7. Discoveries Related to Structure of DNA
(i) Friedrich Meischer in 1869, first identified DNA as an acidic substance present in the nucleus and named it as ‘nuclein’.
(ii) James Watson and Francis Crick, proposed a very simple double helix model for the structure of DNA in 1953 based on X-ray diffraction data.
(iii) Erwin Chargaff proposed that for a double-stranded DNA, the ratios between adenine and thymine and guanine and cytosine are constant and equals to one.
8. Salient Features of Double-helix Structure of DNA
(i) DNA is a long polymer of deoxyribonucleotides. It is made up of two polynucleotide chains, where the backbone is constituted by sugar-phosphate and the bases project inside.
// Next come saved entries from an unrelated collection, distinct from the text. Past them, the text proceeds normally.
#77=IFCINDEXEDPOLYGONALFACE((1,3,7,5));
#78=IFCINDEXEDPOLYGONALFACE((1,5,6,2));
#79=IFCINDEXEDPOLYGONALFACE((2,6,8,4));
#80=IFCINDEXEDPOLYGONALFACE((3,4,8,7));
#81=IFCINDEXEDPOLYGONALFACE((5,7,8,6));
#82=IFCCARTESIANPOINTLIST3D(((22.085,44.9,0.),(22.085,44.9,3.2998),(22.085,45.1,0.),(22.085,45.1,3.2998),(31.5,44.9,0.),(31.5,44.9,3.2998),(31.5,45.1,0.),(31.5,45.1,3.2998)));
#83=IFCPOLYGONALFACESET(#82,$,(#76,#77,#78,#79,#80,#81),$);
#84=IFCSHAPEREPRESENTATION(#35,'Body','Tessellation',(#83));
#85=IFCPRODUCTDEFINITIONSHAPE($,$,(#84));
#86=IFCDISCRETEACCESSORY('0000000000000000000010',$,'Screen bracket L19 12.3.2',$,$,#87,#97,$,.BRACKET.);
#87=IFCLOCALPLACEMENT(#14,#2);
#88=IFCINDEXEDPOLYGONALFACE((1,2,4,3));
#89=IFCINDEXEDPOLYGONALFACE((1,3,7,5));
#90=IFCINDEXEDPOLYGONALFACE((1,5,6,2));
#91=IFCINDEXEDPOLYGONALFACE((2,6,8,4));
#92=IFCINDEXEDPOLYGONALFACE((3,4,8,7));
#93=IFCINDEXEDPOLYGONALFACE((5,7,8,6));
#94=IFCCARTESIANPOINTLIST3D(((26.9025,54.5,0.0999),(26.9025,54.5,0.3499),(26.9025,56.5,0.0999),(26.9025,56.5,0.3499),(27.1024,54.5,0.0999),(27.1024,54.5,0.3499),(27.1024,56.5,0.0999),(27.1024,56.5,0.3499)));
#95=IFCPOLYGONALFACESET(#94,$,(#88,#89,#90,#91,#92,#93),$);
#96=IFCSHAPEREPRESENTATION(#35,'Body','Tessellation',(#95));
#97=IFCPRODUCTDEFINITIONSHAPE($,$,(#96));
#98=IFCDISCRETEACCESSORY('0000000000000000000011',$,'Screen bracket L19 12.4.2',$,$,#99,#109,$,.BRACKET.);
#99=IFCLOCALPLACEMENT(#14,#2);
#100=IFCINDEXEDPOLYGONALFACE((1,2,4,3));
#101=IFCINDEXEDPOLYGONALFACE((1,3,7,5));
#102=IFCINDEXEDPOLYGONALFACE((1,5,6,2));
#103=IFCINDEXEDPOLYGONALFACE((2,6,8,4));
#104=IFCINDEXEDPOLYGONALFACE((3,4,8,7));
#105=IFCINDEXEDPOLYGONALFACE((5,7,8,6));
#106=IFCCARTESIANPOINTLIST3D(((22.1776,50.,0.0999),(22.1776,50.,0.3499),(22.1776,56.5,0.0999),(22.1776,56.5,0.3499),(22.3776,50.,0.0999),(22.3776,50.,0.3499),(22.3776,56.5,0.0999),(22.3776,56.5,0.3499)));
(ii) The two chains have anti-parallel polarity, i.e. 5′ > 3′ for one, 3′ > 5′ for another.
(iii) The bases in two strands are paired through hydrogen bond (H—bonds) forming base pairs (bp). Adenine forms two hydrogen bonds with thymine from opposite strand and vice-versa. Guanine bonds with cytosine by three H—bonds. Due to this, purine always comes opposite to a pyrimidine. This forms a uniform distance between the two strands.
(iv) The two chains are coiled in a right-handed fashion. The pitch of the helix is 3.4 nm and there are roughly 10 bp in each turn. Due to this, the distance between a base pair in a helix is about 0.34 nm.
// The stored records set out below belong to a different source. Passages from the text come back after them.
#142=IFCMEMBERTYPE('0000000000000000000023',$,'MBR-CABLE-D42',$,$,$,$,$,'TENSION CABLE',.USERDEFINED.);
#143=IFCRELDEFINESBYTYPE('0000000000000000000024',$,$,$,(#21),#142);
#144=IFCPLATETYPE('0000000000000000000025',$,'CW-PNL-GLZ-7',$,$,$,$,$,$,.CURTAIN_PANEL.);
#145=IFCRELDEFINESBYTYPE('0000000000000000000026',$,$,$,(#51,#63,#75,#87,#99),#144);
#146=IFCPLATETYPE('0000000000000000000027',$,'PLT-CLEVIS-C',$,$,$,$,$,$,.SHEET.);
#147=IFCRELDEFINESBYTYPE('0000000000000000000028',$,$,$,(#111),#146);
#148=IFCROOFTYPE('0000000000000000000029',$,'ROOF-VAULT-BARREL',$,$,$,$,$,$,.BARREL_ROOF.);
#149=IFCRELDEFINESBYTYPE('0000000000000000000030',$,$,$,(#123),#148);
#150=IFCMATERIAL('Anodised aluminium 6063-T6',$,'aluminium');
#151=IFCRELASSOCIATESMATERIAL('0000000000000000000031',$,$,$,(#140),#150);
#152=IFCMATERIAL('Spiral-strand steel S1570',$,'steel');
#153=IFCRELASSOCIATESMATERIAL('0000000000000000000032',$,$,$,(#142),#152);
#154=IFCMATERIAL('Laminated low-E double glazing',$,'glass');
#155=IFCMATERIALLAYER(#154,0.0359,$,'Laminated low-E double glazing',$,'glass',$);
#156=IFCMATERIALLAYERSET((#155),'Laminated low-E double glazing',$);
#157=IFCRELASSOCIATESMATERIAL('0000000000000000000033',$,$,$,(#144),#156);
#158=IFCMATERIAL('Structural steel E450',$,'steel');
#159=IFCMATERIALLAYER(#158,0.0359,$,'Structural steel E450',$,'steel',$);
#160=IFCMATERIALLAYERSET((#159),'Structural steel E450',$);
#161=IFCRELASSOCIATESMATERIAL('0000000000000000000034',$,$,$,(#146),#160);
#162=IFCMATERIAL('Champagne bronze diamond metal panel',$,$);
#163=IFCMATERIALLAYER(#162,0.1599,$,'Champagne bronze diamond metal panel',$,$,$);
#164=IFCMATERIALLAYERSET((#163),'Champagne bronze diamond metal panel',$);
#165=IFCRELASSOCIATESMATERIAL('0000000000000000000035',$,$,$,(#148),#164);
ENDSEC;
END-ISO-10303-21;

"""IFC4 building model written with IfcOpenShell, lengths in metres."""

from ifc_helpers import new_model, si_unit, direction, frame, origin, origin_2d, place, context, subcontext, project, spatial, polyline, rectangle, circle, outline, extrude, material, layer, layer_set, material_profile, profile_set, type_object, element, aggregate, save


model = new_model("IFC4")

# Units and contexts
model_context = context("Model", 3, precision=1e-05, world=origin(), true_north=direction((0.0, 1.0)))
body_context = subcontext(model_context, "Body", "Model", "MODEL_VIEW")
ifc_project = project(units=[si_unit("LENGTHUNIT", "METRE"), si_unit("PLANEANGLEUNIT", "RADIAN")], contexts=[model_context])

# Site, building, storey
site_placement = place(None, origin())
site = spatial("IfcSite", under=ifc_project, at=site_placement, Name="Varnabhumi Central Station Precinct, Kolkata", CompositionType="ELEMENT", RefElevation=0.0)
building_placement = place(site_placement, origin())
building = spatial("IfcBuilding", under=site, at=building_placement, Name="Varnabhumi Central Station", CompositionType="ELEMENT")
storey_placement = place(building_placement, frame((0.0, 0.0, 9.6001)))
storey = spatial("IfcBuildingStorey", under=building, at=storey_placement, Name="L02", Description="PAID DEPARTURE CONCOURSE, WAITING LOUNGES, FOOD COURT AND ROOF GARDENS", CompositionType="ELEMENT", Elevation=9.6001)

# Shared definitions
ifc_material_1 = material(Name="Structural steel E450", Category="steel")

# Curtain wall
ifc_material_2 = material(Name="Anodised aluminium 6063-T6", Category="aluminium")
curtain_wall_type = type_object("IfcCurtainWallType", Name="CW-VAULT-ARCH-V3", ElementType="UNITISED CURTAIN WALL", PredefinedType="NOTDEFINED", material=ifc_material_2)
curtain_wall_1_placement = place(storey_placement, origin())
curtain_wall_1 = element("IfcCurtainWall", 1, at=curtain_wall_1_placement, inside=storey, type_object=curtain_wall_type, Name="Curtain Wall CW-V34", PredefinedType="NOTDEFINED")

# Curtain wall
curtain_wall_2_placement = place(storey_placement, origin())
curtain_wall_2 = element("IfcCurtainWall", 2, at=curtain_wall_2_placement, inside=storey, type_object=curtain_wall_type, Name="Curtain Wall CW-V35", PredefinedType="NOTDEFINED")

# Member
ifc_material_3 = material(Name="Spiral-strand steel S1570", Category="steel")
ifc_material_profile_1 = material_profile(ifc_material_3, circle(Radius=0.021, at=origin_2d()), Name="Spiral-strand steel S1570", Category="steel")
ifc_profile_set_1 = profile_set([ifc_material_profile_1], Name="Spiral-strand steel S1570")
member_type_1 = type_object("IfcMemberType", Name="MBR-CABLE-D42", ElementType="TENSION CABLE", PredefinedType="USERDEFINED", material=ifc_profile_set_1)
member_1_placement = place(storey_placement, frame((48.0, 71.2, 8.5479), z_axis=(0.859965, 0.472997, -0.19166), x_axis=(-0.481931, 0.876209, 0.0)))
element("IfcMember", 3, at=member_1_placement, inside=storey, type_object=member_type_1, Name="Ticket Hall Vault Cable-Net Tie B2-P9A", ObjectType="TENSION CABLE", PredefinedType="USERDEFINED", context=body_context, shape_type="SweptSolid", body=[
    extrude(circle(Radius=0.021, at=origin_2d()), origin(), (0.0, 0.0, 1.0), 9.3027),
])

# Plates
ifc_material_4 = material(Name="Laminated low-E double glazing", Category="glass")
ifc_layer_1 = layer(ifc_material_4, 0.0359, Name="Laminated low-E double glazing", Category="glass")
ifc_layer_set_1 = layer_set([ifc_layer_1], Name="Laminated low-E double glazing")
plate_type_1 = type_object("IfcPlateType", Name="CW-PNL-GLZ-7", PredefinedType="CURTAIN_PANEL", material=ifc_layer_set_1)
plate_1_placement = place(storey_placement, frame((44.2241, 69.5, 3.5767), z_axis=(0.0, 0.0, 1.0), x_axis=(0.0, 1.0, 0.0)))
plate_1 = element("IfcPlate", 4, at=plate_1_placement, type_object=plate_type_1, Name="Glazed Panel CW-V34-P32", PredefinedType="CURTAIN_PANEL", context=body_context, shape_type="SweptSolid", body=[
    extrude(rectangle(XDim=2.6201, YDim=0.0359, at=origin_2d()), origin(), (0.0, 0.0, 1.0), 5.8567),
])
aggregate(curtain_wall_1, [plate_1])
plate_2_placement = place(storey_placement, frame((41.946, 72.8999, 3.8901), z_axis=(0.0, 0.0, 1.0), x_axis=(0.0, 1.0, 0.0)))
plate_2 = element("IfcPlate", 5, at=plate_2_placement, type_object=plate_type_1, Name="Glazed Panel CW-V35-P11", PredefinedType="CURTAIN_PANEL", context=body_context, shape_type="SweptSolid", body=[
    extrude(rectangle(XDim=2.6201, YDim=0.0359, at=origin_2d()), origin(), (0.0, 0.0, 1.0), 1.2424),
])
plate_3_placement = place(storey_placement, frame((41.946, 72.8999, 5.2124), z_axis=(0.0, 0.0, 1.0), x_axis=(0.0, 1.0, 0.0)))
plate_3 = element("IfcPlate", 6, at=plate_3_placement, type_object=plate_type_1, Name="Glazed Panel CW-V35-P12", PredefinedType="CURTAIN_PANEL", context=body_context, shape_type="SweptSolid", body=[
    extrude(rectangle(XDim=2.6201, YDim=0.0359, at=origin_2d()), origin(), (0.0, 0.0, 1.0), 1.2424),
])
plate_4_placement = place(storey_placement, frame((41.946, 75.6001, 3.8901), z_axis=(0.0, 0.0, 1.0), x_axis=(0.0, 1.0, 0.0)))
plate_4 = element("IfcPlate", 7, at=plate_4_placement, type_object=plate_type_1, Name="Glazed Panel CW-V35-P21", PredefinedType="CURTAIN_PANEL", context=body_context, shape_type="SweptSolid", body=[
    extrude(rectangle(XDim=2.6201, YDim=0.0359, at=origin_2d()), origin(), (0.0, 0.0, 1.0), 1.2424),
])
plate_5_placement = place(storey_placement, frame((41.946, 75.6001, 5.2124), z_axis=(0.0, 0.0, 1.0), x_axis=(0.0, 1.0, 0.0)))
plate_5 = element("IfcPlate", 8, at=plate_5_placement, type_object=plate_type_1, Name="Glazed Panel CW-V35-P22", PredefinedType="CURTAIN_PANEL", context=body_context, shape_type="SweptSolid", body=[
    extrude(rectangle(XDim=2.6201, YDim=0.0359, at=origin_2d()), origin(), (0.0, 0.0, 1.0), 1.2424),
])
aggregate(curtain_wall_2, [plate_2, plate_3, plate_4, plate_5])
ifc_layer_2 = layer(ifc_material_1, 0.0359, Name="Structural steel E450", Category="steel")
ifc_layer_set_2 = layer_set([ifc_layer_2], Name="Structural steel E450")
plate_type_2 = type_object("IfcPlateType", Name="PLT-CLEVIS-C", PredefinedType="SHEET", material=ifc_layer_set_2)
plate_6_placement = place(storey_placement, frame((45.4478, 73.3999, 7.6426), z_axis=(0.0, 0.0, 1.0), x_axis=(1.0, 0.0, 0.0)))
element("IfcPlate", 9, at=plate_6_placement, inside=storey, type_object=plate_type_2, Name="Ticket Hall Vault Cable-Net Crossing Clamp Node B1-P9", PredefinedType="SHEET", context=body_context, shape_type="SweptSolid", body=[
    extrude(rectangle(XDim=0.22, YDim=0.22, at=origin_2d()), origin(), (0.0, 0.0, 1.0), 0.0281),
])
(v) The plane of one base pair stacks over the other in double helix. This confers stability to the helical structure in addition to H—bonds.
9. The length of a DNA double helix is about 2.2 meters (6.6 x 109 bp x 0.34 x 10-9 m/bp)
Therefore, it needs special packaging in a cell.
(i) In prokaryotic cells (which do not have a defined nucleus), such as E.coli, DNA (being negatively charged) is held with some proteins (that have positive charges) in a region called as nucleoid. The DNA in nucleoid is organised in large loops held by proteins.
(ii) In eukaryotes, there is a set of positively charged proteins called histones that are rich in basic amino acid residues, lysines and arginines (both positive).
Histones are organised to form a unit of eight molecules called histone octamer. The negatively charged DNA is wrapped around the positively charged histone octamer to form a structure called nucleosome.
(iii) A typical nucleosome contains 200 bp of DNA helix.
Nucleosomes constitute the repeating unit of a structure in nucleus called chromatin (thread-like stained structure). Under electron microscope, the nucleosomes in chromatin can be seen as beads-on-string. This structure in chromatin is packaged to form chromatin fibres that further coils and condense to form chromosomes at metaphase stage.
(iv) The packaging of chromatin at higher level requires additional set of proteins which are collectively called Non-Histone Chromosomal (NHC) proteins.
(v) In a nucleus, some regions of chromatin are loosely packed (stains light) called euchromatin (transcriptionally active chromatin). In some regions, chromatin is densely packed (stains dark) called heterochromatin (inactive chromatin).
10. Transfonning Principle
(i) Frederick Griffith (1928) carried out a series of experiments with Streptococcus pneumoniae (bacterium causing pneumonia).
(ii) According to him, when the bacteria are grown on a culture plate, some produce smooth shiny colonies (S), while others produce rough (R) colonies.
(iii) This is because the S-strain bacteria have a mucous (polysaccharide) coat, while R-strain does not.
(iv) Mice infected with S-strain (virulent) die from pneumonia but mice infected with R-strain do not develop pneumonia.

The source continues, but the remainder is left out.